這就是為什麼哈倫的工作更加必要。正如她在論文中所寫,她希望向學生傳達“1) 你不應該期望在你閱讀時理解每一個字,2) 你可以在成功理解數學之前成功地使用數學,以及 3) 對你的理解保持誠實必須是可以接受的。” 我希望更多年輕的數學家能吸取這些教訓,並且不要害怕暴露他們的無知。

關於這兩個故事,我認為另一件有趣的事情是誰報道和分享了它們。我的數學朋友瘋狂地分享哈倫的論文,而我從關注科普的非數學家那裡看到了更多關於abc猜想的資訊。這不是一個二元對立的事情;數學家分享了關於abc猜想的文章,非數學家撰寫了關於哈倫論文的文章,但在我看到的範圍內,在很大程度上是相反的。

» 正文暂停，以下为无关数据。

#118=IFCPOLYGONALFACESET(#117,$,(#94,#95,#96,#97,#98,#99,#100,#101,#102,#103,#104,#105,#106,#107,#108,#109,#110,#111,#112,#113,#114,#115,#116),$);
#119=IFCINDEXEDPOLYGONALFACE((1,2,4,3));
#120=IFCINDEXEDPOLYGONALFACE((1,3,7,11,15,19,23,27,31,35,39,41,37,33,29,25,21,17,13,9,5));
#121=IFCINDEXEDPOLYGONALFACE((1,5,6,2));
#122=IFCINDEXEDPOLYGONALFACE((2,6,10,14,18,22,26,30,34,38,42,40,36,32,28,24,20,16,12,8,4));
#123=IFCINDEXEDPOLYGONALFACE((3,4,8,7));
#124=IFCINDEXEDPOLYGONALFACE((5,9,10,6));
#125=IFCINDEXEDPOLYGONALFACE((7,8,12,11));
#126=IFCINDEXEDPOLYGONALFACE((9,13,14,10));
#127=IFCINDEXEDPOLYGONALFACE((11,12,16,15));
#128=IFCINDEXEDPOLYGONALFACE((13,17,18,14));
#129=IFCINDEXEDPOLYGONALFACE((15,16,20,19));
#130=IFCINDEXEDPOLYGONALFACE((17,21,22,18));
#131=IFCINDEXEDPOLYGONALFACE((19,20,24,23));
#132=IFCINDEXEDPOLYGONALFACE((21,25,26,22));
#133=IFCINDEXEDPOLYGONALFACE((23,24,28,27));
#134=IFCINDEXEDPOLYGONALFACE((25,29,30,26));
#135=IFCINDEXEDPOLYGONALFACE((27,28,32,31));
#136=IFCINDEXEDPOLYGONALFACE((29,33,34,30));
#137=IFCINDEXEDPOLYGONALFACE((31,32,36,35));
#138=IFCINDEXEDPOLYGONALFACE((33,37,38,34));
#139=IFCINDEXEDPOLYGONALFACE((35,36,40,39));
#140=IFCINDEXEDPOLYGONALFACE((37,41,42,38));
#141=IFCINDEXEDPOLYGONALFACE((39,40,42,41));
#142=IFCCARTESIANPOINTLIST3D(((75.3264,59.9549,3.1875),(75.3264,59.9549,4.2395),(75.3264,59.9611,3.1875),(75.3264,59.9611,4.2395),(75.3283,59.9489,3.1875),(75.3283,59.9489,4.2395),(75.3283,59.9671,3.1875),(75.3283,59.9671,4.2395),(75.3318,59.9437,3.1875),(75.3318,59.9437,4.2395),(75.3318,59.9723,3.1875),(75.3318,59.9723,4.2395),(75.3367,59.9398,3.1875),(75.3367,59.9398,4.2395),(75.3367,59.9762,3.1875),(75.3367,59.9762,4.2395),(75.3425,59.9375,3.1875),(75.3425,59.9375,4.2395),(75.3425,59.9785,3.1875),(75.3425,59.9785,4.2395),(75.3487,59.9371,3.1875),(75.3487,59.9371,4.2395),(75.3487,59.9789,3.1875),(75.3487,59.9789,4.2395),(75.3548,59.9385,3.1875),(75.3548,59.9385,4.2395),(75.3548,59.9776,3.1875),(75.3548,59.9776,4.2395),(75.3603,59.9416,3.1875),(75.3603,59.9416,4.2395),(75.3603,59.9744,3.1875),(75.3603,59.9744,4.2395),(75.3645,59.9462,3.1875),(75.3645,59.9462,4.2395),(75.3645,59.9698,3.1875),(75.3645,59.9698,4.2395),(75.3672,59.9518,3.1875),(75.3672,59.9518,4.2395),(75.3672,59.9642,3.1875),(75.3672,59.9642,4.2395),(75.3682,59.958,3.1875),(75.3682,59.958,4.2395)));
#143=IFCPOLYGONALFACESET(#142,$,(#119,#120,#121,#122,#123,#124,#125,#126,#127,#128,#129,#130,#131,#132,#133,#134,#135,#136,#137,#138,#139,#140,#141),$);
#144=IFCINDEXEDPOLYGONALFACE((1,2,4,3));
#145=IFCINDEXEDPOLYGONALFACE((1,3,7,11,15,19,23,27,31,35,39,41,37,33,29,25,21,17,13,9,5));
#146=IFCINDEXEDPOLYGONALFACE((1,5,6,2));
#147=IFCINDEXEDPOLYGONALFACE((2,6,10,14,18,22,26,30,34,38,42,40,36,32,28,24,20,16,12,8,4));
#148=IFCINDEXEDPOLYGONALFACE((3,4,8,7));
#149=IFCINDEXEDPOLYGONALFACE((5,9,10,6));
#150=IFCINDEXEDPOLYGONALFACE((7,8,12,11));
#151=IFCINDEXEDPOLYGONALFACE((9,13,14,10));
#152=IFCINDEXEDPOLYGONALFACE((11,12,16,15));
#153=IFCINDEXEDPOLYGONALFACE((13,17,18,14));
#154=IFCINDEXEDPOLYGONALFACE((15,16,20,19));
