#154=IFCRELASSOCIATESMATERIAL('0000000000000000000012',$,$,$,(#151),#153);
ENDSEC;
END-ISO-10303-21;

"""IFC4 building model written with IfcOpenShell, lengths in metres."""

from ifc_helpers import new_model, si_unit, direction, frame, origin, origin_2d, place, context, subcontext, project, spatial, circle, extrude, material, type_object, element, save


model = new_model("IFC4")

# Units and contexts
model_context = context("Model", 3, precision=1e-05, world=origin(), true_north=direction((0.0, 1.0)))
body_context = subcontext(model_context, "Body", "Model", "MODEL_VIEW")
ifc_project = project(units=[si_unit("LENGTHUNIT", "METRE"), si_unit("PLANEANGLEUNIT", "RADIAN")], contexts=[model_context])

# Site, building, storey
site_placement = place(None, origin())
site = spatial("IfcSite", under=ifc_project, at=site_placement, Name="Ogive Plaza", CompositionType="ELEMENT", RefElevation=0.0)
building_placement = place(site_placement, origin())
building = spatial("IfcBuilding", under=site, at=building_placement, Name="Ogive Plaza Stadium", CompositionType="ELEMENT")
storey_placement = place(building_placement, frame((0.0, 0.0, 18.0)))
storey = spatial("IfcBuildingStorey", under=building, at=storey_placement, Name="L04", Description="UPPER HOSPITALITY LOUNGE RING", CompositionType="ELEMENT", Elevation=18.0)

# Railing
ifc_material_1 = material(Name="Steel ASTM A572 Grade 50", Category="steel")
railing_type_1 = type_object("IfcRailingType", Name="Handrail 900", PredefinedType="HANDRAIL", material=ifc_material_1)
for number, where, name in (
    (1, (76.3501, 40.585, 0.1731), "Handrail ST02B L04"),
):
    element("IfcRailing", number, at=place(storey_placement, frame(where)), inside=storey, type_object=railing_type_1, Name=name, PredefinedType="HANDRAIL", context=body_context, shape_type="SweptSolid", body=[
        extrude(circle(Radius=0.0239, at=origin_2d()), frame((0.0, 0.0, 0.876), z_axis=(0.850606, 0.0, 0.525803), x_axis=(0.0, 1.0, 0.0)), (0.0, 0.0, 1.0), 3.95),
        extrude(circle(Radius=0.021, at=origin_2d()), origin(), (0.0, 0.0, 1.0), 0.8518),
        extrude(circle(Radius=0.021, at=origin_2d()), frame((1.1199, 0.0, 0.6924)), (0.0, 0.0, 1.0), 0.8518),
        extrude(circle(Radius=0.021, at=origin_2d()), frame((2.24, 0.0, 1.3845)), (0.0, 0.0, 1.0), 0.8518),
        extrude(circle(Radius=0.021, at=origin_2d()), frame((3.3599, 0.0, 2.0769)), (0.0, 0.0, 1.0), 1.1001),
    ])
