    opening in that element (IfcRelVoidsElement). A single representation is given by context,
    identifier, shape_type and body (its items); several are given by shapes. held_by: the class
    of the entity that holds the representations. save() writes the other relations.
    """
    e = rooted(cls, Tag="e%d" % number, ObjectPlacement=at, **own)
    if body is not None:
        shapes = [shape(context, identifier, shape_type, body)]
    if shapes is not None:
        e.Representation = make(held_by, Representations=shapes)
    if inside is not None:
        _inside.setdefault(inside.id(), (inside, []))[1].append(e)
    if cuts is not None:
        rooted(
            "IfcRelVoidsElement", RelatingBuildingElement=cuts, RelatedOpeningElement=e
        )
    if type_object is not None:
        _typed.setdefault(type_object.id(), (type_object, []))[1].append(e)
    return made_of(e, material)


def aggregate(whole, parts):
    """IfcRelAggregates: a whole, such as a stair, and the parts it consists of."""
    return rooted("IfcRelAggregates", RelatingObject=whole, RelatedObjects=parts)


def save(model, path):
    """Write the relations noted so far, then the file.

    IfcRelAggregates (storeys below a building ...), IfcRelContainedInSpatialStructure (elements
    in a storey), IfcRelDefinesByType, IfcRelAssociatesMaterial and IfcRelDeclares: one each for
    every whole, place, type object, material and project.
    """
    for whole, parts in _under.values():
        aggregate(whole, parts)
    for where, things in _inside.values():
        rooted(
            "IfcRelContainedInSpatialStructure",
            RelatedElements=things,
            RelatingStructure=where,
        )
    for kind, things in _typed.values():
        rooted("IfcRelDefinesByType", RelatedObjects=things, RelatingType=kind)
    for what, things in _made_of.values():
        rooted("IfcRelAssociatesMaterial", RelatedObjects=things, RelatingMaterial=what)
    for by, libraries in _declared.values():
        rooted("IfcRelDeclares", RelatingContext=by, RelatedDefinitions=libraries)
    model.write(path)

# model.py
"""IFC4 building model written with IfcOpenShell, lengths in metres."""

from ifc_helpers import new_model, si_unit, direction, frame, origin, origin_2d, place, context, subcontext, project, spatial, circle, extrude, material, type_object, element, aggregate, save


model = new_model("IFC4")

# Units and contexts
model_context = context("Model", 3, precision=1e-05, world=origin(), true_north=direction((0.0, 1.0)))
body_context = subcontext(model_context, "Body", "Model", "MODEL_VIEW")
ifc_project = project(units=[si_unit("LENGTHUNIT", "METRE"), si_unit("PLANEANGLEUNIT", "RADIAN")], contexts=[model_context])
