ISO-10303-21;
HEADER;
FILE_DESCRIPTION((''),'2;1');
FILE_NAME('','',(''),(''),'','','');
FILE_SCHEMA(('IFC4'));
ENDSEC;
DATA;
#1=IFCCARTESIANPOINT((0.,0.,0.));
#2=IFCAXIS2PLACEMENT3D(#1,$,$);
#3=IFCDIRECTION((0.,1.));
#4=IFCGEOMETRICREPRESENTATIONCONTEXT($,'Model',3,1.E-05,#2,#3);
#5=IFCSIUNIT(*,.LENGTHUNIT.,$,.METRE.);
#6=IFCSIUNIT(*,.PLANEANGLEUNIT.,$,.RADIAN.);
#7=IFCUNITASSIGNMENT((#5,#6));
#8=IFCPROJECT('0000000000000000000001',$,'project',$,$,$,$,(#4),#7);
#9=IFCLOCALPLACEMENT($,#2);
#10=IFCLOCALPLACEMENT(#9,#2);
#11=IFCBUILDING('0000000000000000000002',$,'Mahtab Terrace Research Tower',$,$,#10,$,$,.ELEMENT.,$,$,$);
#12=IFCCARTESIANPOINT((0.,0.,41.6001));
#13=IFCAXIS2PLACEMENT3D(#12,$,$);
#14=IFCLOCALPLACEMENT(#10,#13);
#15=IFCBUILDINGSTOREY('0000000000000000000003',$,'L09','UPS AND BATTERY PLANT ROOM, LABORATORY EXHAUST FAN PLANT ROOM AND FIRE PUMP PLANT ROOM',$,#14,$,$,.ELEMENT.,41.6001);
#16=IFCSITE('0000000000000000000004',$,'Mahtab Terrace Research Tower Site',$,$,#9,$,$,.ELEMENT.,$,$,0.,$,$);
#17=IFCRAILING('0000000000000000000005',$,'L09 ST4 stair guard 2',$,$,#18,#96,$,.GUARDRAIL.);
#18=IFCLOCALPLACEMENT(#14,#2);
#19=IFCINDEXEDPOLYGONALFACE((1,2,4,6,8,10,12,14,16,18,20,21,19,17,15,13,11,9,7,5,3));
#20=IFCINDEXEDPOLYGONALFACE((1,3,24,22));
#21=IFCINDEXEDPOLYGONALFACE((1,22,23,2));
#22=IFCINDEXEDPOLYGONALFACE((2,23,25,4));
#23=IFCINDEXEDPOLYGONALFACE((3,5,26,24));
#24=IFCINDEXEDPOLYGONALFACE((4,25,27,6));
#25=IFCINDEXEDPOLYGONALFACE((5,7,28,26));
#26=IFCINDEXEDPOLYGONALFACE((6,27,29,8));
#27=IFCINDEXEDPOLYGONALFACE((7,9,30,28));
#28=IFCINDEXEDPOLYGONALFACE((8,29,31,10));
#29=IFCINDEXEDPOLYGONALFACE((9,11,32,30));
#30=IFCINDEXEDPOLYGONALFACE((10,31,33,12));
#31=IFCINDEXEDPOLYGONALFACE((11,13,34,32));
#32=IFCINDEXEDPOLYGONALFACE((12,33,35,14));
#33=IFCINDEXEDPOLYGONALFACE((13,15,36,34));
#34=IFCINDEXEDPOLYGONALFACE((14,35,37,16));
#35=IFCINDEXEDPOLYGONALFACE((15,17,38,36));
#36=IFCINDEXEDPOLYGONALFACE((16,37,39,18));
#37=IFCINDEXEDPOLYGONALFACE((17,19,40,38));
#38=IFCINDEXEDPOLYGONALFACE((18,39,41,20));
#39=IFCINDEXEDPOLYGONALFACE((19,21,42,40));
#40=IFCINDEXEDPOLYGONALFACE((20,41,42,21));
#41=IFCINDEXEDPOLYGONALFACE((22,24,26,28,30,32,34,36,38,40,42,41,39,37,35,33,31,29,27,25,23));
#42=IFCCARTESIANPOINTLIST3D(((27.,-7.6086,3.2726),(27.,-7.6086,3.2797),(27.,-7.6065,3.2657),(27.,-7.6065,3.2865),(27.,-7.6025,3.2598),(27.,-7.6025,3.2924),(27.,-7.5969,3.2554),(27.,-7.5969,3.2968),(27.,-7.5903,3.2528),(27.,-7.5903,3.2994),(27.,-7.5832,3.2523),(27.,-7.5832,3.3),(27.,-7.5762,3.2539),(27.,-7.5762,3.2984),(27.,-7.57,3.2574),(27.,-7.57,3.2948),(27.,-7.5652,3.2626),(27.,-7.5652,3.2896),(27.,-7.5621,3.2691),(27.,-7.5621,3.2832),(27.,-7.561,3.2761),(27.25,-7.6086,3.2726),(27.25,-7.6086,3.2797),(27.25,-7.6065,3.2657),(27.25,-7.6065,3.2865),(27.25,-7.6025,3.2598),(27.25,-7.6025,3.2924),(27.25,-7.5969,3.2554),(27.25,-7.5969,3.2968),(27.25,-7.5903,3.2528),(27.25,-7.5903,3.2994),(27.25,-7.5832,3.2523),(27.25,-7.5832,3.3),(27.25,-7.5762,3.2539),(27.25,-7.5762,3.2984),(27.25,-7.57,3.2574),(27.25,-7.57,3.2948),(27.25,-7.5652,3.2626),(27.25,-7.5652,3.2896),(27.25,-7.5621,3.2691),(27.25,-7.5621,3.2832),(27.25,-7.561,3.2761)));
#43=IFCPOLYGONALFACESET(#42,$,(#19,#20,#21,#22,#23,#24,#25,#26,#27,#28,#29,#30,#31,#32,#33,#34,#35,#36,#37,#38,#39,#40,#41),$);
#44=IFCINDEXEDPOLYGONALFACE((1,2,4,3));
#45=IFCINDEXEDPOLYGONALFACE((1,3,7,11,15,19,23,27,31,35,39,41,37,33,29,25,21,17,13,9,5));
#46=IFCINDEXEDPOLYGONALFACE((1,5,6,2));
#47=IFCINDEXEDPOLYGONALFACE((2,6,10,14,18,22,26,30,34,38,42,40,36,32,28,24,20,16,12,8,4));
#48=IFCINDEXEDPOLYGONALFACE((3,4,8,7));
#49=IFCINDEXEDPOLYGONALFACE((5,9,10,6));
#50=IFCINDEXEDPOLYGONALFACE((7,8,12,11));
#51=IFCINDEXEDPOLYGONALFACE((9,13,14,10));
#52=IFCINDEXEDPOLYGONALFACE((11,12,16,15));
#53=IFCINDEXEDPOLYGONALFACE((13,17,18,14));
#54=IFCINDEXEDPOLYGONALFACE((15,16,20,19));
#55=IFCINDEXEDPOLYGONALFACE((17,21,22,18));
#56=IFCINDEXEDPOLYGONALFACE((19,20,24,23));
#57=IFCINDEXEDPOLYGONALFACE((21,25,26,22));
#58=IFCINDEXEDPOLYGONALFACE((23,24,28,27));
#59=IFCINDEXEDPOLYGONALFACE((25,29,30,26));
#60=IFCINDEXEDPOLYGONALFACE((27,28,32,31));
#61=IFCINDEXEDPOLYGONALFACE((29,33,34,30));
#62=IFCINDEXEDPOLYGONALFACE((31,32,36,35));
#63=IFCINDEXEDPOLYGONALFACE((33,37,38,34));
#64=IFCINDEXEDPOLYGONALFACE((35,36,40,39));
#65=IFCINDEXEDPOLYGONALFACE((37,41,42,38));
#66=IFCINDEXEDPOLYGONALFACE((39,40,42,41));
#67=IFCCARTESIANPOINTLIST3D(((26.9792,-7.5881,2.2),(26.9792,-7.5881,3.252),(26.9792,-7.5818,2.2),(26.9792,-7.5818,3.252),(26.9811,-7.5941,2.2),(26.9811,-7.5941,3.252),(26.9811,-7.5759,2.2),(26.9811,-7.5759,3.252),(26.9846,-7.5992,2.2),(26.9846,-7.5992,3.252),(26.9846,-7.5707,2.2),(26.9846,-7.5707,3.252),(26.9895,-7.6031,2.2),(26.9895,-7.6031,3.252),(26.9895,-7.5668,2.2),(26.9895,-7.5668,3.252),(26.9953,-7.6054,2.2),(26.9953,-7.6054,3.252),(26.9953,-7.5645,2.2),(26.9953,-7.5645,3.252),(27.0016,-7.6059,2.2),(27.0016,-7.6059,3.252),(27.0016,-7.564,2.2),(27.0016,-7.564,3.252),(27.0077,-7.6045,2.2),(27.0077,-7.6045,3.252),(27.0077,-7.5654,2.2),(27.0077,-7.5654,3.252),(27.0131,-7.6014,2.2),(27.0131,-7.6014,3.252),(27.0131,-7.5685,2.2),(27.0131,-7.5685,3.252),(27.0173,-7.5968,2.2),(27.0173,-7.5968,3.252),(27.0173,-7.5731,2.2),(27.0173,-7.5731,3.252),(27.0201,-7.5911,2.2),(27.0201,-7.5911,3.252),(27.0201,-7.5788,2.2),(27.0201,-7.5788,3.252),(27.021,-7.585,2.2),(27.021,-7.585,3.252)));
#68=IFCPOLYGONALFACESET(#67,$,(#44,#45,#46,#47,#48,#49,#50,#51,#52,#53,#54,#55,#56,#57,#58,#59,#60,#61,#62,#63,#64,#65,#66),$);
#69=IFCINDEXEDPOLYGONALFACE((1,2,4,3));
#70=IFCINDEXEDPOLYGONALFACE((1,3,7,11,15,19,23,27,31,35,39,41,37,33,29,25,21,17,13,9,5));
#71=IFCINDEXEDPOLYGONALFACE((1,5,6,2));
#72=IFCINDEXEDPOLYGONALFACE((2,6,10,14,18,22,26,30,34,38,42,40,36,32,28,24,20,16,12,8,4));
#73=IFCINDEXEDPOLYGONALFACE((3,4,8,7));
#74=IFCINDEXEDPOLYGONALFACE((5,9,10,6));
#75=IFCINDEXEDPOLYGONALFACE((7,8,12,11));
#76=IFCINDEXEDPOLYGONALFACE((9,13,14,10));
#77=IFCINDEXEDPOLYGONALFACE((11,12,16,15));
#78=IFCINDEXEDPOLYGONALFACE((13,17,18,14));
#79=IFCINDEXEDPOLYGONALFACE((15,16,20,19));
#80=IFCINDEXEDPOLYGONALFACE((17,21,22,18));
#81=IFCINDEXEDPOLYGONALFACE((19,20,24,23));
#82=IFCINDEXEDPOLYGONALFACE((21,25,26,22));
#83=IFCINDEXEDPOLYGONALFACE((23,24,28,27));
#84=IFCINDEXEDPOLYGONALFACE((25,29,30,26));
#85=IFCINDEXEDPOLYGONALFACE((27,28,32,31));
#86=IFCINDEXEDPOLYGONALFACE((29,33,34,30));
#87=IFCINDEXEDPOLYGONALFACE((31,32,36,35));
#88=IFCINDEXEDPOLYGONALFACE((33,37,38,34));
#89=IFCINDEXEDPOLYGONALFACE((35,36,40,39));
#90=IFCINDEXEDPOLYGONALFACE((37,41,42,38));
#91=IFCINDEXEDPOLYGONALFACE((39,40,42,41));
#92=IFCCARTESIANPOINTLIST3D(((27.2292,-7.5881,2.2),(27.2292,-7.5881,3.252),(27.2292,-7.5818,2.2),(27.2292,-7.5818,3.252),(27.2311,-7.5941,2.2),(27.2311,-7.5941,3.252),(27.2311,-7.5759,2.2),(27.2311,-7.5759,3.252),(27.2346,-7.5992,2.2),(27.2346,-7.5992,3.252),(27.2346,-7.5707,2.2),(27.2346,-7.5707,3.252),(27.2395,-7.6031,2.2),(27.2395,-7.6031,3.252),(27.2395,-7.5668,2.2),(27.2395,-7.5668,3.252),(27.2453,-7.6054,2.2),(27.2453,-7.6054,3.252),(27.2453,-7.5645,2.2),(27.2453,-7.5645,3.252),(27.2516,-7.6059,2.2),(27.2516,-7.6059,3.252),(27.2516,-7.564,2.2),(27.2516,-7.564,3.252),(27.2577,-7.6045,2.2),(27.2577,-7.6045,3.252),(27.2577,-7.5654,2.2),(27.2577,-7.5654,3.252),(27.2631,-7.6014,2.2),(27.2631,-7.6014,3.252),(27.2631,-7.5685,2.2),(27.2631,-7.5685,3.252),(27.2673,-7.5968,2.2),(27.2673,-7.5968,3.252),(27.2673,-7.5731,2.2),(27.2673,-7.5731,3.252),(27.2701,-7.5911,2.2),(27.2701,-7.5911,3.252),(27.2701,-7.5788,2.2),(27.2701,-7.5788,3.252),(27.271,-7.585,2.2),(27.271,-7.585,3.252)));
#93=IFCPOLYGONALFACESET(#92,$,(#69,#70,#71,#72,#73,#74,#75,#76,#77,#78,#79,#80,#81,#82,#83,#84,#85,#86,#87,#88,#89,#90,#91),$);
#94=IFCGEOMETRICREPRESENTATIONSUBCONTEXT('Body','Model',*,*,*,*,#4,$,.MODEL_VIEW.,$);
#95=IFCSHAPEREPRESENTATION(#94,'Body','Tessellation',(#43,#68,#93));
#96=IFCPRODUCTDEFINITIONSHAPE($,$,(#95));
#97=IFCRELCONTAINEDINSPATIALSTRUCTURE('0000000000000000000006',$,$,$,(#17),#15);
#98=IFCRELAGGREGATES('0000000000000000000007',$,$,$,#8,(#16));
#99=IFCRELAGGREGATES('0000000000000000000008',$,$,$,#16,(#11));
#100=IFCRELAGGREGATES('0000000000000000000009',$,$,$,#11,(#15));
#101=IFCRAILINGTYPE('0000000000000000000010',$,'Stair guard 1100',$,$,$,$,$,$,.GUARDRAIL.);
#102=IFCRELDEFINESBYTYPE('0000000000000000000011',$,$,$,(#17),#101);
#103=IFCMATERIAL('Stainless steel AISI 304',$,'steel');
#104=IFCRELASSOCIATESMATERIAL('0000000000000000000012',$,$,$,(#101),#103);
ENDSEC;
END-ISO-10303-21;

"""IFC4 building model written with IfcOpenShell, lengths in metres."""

from ifc_helpers import new_model, si_unit, direction, frame, origin, origin_2d, place, context, subcontext, project, spatial, circle, extrude, material, type_object, element, save


model = new_model("IFC4")

# Units and contexts
model_context = context("Model", 3, precision=1e-05, world=origin(), true_north=direction((0.0, 1.0)))
body_context = subcontext(model_context, "Body", "Model", "MODEL_VIEW")
ifc_project = project(units=[si_unit("LENGTHUNIT", "METRE"), si_unit("PLANEANGLEUNIT", "RADIAN")], contexts=[model_context])

# Site, building, storey
site_placement = place(None, origin())
site = spatial("IfcSite", under=ifc_project, at=site_placement, Name="Mahtab Terrace Research Tower Site", CompositionType="ELEMENT", RefElevation=0.0)
building_placement = place(site_placement, origin())
building = spatial("IfcBuilding", under=site, at=building_placement, Name="Mahtab Terrace Research Tower", CompositionType="ELEMENT")
storey_placement = place(building_placement, frame((0.0, 0.0, 41.6001)))
storey = spatial("IfcBuildingStorey", under=building, at=storey_placement, Name="L09", Description="UPS AND BATTERY PLANT ROOM, LABORATORY EXHAUST FAN PLANT ROOM AND FIRE PUMP PLANT ROOM", CompositionType="ELEMENT", Elevation=41.6001)

# Railing
ifc_material_1 = material(Name="Stainless steel AISI 304", Category="steel")
railing_type_1 = type_object("IfcRailingType", Name="Stair guard 1100", PredefinedType="GUARDRAIL", material=ifc_material_1)
railing_1_placement = place(storey_placement, frame((27.0, -7.585, 2.2)))
element("IfcRailing", 1, at=railing_1_placement, inside=storey, type_object=railing_type_1, Name="L09 ST4 stair guard 2", PredefinedType="GUARDRAIL", context=body_context, shape_type="SweptSolid", body=[
    extrude(circle(Radius=0.0239, at=origin_2d()), frame((0.0, 0.0, 1.0762), z_axis=(1.0, 0.0, 0.0), x_axis=(0.0, 1.0, 0.0)), (0.0, 0.0, 1.0), 0.25),
    extrude(circle(Radius=0.021, at=origin_2d()), origin(), (0.0, 0.0, 1.0), 1.052),
    extrude(circle(Radius=0.021, at=origin_2d()), frame((0.25, 0.0, 0.0)), (0.0, 0.0, 1.0), 1.052),
])

save(model, "model.ifc")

我不完全確定從故事的分享方式中得出什麼結論,但它感覺很重要。我認為這說明了數學家

呈現自己允許他人呈現他們的方式。在某種程度上,我們希望別人把我們放在神壇上。當有人傳遞“哦,這太複雜了——你不會理解的”的資訊時,我們並不真的介意。

另一方面,數學界內部對哈倫工作的強烈積極反響表明,數學界的許多人渴望一些不同的東西。即使對於那些現狀對他們有效的人(畢竟,他們仍然在那裡),也認識到當我們為某些群體的人設定障礙或鼓勵人們採納哈倫在她的論文中寫到的“某種態度”時,數學會遭受損失。

abc猜想是否代表著垂死的舊衛道士,而派珀·哈倫是否代表著未來的方向?我猜想沒有那麼戲劇性的事情正在發生。但數學家應該思考他們想如何解釋數學,以及他們在過程中邀請了哪些人,又排除了哪些人。